Claire found pleasant, but hard to tell apart. She didn't have to tell

Jeff Saxton apart. He did his own telling. Jeff called--not too often.

He sang--not too sentimentally. He took her father and herself to the

theater--not too lavishly. He told Claire--in a voice not too

serious--that she was his helmed Athena, his rose of all the world. He

informed her of his substantial position--not too obviously. And he was

so everlastingly, firmly, quietly, politely, immovably always there.

She watched the hulk of marriage drifting down on her frail speed-boat

of aspiration, and steered in desperate circles.

Then her father got the nervous prostration he had richly earned. The

doctor ordered rest. Claire took him in charge. He didn't want to

travel. Certainly he didn't want the shore or the Adirondacks. As there

was a branch of his company in Minneapolis, she lured him that far away.

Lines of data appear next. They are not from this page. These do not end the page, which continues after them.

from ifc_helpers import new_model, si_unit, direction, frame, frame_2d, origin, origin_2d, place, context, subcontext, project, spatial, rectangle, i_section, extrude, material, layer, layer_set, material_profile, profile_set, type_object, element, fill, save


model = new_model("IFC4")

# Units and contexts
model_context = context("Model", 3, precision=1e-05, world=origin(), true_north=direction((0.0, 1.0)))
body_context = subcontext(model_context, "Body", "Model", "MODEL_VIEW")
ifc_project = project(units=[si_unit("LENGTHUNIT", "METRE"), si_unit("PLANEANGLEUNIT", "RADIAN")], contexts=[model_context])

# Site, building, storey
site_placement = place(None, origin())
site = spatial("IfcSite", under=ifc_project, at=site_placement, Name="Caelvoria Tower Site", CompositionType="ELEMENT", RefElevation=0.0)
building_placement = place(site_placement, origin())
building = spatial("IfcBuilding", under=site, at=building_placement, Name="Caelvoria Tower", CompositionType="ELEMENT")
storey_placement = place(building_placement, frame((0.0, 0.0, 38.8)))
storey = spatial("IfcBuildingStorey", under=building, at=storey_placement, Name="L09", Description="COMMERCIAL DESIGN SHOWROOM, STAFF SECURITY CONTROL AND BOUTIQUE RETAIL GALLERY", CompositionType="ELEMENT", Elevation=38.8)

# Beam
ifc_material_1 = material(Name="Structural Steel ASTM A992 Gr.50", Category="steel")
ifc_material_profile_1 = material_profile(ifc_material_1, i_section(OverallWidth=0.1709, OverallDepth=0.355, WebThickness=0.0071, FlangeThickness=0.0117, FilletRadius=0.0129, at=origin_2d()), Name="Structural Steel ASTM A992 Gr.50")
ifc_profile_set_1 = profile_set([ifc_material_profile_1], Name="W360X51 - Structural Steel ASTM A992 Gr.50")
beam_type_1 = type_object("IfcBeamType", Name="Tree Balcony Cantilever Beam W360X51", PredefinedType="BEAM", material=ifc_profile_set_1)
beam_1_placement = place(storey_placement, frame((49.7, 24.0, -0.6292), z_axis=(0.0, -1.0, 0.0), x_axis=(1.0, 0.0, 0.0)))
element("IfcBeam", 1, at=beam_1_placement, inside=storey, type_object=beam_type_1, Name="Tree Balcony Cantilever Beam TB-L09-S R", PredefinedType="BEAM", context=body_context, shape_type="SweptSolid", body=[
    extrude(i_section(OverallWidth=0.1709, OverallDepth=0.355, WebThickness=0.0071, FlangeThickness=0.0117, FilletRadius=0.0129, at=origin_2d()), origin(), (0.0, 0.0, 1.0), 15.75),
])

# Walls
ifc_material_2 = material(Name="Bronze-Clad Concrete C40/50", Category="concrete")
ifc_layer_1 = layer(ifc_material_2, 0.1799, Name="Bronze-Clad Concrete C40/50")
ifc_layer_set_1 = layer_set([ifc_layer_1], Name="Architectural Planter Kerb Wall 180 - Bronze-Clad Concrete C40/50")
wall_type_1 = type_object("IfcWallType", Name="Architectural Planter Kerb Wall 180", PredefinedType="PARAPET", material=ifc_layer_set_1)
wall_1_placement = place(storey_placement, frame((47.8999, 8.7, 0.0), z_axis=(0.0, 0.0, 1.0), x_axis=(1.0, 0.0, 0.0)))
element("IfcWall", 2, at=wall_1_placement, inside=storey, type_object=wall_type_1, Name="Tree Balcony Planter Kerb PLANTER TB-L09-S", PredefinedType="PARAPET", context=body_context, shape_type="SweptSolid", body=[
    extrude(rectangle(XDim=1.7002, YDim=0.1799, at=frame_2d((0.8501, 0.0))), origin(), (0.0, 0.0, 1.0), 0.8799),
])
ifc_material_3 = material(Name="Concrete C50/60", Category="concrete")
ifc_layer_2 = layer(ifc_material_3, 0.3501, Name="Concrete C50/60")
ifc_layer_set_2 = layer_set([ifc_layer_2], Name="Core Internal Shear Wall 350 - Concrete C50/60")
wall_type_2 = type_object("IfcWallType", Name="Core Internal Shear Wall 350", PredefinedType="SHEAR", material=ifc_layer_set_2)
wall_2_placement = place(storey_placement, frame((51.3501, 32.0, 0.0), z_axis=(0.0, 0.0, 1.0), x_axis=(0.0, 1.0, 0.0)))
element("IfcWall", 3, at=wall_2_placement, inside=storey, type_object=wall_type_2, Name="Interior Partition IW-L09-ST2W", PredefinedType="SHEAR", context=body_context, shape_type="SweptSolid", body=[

Being rootedly of Brooklyn Heights, Claire didn't know much about the

West. She thought that Milwaukee was the capital of Minnesota. She was

not so uninformed as some of her friends, however. She had heard that in

Dakota wheat was to be viewed in vast tracts--maybe a hundred acres.

Mr. Boltwood could not be coaxed to play with the people to whom his

Minneapolis representative introduced him. He was overworking again, and

perfectly happy. He was hoping to find something wrong with the branch

house. Claire tried to tempt him out to the lakes. She failed. His

nerve-fuse burnt out the second time, with much fireworks.

Claire had often managed her circle of girls, but it had never occurred

to her to manage her executive father save by indirect and pretty

teasing. Now, in conspiracy with the doctor, she bullied her father. He

saw gray death waiting as alternative, and he was meek. He agreed to

everything. He consented to drive with her across two thousand miles of

plains and mountains to Seattle, to drop in for a call on their

cousins, the Eugene Gilsons.

Back East they had a chauffeur and two cars--the limousine, and the

Gomez-Deperdussin roadster, Claire's beloved. It would, she believed, be

more of a change from everything that might whisper to Mr. Boltwood of

the control of men, not to take a chauffeur. Her father never drove, but

she could, she insisted. His easy agreeing was pathetic. He watched her

with spaniel eyes. They had the Gomez roadster shipped to them from New

York.

On a July morning, they started out of Minneapolis in a mist, and as it

has been hinted, they stopped sixty miles northward, in a rain, also in

much gumbo. Apparently their nearest approach to the Pacific Ocean would

be this oceanically moist edge of a cornfield, between Schoenstrom and

Gopher Prairie, Minnesota.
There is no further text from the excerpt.